The High Court has found a party to a settlement agreement reached at mediation liable for misrepresentation and breach of the agreement, where it emerged after the mediation that the party was not in fact the legal owner of a property that the agreement required it to transfer. In doing so, the court considered the extent to which evidence of what occurred at the mediation could be relied on, under one of the limited exceptions allowing evidence of "without prejudice" (WP) settlement negotiations to be admitted for certain narrow purposes: Pentagon Food Group Ltd and others v B Cadman Ltd [2024] EWHC 2513 (Comm).

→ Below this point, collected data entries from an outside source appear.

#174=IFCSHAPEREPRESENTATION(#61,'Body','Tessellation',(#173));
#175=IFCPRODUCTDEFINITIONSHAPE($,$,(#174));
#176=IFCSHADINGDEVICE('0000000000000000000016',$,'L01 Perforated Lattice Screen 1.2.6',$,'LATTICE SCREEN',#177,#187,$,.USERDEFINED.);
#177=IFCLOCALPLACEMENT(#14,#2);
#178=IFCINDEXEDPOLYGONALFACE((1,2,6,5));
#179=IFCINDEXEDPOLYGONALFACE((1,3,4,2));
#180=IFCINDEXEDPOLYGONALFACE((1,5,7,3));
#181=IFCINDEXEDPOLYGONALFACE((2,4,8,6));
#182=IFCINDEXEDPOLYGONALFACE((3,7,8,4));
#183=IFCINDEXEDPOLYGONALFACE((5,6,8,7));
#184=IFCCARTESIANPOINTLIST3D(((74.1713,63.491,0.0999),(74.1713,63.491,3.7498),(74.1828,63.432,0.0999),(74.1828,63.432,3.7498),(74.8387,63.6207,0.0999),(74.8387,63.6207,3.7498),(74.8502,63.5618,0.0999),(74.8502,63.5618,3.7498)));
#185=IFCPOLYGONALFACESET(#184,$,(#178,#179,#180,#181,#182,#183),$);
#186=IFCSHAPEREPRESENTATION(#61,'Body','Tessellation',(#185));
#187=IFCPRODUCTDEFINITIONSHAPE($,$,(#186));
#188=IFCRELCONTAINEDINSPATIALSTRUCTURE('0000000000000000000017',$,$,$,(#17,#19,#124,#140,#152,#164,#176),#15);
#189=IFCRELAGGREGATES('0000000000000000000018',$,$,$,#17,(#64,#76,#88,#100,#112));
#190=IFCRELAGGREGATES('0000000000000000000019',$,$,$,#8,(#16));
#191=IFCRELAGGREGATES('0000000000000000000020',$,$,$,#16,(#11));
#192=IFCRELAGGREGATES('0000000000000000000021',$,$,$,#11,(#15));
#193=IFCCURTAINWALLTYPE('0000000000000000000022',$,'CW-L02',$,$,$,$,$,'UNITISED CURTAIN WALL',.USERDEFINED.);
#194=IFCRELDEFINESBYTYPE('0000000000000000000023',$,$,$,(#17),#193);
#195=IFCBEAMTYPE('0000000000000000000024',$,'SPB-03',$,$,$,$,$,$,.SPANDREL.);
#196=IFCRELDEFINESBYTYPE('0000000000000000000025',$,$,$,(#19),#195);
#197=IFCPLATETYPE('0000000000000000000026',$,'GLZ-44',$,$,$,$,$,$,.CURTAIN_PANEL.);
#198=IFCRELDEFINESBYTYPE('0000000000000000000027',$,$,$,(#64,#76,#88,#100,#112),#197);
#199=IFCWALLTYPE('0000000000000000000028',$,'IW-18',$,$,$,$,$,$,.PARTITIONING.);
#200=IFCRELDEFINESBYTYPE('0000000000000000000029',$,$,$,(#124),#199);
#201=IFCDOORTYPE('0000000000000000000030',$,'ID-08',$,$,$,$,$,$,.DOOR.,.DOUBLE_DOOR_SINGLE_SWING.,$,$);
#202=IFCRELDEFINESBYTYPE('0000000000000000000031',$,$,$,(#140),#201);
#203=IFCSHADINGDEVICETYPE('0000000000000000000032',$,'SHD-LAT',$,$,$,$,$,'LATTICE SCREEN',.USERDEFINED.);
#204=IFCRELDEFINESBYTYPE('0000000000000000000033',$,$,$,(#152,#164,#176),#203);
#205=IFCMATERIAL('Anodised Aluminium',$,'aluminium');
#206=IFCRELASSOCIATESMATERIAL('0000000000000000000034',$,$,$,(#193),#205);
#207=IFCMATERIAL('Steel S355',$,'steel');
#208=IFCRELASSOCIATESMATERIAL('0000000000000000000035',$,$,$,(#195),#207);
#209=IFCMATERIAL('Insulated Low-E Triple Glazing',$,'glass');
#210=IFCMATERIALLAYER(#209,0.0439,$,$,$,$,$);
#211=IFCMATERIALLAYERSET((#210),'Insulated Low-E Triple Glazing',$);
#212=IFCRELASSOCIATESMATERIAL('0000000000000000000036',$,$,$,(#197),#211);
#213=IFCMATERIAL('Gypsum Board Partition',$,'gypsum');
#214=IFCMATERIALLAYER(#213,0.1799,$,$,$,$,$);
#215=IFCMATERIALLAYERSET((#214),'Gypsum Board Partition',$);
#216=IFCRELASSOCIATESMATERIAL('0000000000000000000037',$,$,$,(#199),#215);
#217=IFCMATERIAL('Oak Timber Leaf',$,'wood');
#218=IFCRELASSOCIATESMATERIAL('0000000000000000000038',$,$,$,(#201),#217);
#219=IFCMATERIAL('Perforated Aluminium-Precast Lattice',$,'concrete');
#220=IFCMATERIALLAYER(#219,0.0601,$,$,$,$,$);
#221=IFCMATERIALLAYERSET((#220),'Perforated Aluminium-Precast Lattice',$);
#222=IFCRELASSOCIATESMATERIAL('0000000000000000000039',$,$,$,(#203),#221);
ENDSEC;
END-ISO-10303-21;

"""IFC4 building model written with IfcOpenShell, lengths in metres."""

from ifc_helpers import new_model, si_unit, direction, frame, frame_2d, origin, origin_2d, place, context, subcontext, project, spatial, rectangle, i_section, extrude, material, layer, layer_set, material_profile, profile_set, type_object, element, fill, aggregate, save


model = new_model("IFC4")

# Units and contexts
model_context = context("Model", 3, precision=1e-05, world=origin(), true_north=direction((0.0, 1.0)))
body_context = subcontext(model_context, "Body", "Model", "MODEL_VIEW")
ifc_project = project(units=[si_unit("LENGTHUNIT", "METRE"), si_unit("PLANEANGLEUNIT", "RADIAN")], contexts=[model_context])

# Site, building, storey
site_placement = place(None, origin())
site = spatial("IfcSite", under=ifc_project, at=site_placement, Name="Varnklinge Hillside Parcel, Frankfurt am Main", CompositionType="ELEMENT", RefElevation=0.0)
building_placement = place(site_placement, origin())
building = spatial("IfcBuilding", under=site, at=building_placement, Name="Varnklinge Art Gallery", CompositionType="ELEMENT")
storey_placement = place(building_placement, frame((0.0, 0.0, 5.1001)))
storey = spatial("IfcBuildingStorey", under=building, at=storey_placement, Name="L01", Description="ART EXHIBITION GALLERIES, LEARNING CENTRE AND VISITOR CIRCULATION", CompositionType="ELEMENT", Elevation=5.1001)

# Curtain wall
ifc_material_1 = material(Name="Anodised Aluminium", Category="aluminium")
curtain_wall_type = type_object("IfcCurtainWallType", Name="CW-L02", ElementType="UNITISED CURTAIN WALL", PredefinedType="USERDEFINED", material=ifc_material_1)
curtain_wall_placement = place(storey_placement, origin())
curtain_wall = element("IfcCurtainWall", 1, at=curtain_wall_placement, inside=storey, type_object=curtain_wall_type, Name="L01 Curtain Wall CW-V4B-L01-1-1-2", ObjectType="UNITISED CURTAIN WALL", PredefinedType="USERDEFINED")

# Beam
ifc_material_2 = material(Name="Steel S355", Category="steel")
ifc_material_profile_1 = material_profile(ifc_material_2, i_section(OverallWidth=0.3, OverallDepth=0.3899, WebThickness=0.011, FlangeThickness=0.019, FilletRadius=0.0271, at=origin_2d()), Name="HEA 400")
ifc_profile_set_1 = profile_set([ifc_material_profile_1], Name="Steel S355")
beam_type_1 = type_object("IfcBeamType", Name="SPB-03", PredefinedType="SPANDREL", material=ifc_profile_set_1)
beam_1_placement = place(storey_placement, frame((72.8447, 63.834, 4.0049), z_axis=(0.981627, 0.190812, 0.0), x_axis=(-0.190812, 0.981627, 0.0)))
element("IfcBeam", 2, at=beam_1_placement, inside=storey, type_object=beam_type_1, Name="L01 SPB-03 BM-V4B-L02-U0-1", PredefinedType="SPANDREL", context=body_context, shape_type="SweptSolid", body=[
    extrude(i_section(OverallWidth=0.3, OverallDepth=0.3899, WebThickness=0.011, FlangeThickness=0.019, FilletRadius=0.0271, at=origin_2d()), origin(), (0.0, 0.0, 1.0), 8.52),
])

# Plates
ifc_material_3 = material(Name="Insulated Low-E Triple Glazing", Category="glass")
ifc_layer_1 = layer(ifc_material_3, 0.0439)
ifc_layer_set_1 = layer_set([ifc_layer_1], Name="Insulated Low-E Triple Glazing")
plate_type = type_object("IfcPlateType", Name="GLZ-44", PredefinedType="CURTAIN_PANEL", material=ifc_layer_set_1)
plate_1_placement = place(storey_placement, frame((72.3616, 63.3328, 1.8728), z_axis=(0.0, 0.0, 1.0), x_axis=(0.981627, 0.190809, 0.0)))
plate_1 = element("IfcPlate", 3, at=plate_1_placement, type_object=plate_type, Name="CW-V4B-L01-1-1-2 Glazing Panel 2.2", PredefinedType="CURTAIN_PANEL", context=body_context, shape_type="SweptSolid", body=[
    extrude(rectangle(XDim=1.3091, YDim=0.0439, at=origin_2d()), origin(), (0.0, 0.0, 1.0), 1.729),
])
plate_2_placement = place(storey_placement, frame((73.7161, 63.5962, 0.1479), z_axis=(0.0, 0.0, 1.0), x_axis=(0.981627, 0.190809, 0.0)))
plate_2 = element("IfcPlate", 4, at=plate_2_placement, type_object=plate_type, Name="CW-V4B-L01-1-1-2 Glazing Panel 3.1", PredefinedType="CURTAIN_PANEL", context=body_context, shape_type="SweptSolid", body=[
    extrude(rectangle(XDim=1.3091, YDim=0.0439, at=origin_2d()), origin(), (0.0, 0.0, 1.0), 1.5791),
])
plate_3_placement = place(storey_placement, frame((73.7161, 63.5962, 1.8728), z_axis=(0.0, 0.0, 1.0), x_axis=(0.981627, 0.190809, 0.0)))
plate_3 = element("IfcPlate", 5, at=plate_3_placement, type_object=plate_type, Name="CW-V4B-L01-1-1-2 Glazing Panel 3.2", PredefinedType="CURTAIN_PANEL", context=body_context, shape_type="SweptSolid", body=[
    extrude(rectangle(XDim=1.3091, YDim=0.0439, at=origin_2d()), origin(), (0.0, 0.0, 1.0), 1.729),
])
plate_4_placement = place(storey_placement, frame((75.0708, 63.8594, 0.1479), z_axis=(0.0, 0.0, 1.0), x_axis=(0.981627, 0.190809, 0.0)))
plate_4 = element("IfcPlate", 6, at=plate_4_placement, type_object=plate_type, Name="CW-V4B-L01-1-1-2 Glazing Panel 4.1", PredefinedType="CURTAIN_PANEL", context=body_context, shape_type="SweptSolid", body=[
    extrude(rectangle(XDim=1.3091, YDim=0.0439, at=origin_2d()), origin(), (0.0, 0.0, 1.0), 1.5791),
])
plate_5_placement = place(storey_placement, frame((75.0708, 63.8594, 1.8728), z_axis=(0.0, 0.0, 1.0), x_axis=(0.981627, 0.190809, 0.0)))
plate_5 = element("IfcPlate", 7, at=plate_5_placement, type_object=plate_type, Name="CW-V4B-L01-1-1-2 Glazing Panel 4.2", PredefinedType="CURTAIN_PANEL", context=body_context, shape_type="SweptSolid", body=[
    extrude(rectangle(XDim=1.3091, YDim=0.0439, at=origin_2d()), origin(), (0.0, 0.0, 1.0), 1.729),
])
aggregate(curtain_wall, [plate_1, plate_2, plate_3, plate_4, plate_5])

Notably, the judge's analysis of the relevant WP exceptions includes an opinion – albeit obiter – proposing "modest" expansions to the circumstances in which two key exceptions apply:
- The exception that admits evidence from WP negotiations of facts within the parties' common knowledge where relevant to interpreting contractual words (the Oceanbulk exception) should apply similarly where the facts are relevant to whether a contractual term can be implied.
- The exception that admits evidence to show that an agreement should be set aside for misrepresentation, fraud or undue influence should extend to negligent misrepresentation.
The judgment is also of interest for comments addressing the relevance of the WP negotiations being in the form of a mediation. While the judge acknowledged the "undoubted enhanced importance of mediation" in recent years, he was not convinced that this justified an enhanced form of "mediation privilege" beyond traditional WP, with narrower exceptions.